To define a relationship for the Employee and
Dependent tables, we would need two additional ones: the Relationship table and
one containing the Relationship Types. You
could store the relationship information in either or both tables, but that may lead
to problems. First, if you only include relationship in one of the
tables, you won’t be able to get back to the other one! To illustrate, if you
were to add an emp_cd column to the Dependent table, you would be easily able
to retrieve the guardians of the dependents, but you would be at a disadvantage
to locate the dependents of a particular guardian as it would not contain any
information about related dependants. The second issue is that including the
foreign key in the table itself can cause a lot of duplication since the only
different field would be the foreign key.

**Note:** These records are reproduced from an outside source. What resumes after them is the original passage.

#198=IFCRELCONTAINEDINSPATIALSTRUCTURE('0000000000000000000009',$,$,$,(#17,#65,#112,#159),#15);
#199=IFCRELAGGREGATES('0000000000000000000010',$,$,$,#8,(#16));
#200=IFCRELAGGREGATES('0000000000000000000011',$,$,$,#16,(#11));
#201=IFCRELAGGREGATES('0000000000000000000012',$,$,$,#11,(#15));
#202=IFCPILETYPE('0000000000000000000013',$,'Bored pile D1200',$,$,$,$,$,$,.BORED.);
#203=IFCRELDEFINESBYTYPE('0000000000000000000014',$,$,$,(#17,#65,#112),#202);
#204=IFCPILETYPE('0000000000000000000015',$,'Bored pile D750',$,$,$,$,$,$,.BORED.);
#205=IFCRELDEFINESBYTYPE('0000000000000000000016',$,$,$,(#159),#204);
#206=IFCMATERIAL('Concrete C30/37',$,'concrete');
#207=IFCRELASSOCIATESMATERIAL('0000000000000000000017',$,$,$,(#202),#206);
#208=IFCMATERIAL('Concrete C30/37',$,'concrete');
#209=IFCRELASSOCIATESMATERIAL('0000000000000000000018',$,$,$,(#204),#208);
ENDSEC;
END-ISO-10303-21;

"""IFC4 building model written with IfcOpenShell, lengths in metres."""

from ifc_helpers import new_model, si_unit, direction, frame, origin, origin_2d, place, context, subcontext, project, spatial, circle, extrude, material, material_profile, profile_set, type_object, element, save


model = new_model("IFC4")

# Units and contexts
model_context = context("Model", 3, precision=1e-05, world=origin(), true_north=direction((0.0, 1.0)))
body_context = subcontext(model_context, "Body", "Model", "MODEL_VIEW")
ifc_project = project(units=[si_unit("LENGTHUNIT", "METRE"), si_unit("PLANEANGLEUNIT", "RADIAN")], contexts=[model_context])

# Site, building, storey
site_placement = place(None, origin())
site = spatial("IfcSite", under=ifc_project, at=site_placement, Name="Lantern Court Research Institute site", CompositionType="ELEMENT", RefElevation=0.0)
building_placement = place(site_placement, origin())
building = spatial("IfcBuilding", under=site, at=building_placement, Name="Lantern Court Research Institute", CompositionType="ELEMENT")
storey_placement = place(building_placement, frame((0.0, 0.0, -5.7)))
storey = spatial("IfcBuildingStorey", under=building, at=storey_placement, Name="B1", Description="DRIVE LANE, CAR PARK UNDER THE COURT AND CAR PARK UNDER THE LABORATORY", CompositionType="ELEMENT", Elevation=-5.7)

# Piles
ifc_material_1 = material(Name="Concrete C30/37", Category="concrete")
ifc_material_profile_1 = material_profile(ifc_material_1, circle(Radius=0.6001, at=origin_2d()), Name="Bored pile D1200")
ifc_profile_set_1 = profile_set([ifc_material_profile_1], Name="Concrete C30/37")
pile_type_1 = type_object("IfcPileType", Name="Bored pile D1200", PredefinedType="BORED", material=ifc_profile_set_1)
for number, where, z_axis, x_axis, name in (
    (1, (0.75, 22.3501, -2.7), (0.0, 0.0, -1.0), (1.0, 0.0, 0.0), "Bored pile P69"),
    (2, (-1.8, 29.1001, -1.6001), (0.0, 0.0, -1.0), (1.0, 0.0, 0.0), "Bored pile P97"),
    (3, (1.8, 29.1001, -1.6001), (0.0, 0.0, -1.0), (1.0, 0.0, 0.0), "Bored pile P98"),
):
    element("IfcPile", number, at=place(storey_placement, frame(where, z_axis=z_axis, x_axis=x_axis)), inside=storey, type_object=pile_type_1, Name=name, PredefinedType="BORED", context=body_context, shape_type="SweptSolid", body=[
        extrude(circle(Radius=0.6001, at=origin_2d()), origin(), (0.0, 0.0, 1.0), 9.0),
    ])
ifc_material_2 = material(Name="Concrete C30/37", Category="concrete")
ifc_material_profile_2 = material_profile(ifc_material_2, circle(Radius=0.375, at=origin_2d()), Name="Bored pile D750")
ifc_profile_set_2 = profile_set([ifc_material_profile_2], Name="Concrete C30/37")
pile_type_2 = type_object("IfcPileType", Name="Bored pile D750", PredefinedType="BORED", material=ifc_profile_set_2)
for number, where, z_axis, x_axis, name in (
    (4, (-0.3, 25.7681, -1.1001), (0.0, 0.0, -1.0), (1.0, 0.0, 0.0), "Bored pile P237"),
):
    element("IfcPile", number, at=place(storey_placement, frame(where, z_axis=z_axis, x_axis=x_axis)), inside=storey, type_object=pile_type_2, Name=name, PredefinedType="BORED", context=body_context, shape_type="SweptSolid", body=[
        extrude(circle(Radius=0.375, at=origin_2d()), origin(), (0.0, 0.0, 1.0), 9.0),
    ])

When you consider that the Employee table
might contain a dozen fields or more, that could quickly lead to Gigabytes of
wasted storage space, not to mention an overburdened server! For this reason,
it’s preferable to create a separate table containing only code values that
define the relationship.

The Relationship Type table below is what is known as a code
or lookup table. This is where common (shared ) information is stored. You could think of this table as a kind of data
dictionary. Some of the advantages to using code tables include:

  • allowing us to use numeric code values in the relationship table
  • promoting easy maintainability
  • providing a centralized place to store common

Here are the same four tables with
some sample data:

Employee Table
emp_cd last_name first_name phone_number
1 Smith Roger 555-1234
2 Blattel Mary 555-8877
3 Mercer Steven 555-9980

Employee Dependent Relationship Table
emp_cd relationship_type_code dependent_cd
3 1 1
3 1 2
1 3 3

Dependent Table
dependent_cd last_name first_name date_of_birth
1 Mercer Joey Feb 12, 1989
2 Mercer Cindy Aug 4, 1987
3 Smith Amy Dec 1, 1985

Relationship Type Table
relationship_type_cd english_desc english_short_desc
1 father dad
2 mother mom
3 grand-father grandpa
4 grand-mother grandma

Consider Including Text Keys in Addition to Codes

After all that talk about using numeric
codes, I’m now going to encourage you to use text descriptor keys in your
queries! While numeric codes improve database retrieval performance, they are equally
detrimental to SQL development, as they hamper code readability. Take the
following query:

select english_desc
from vcode_table_data
where code_table_name = ‘routing_point’
and code_value_name = ‘routing_point_usa_port_of_entry’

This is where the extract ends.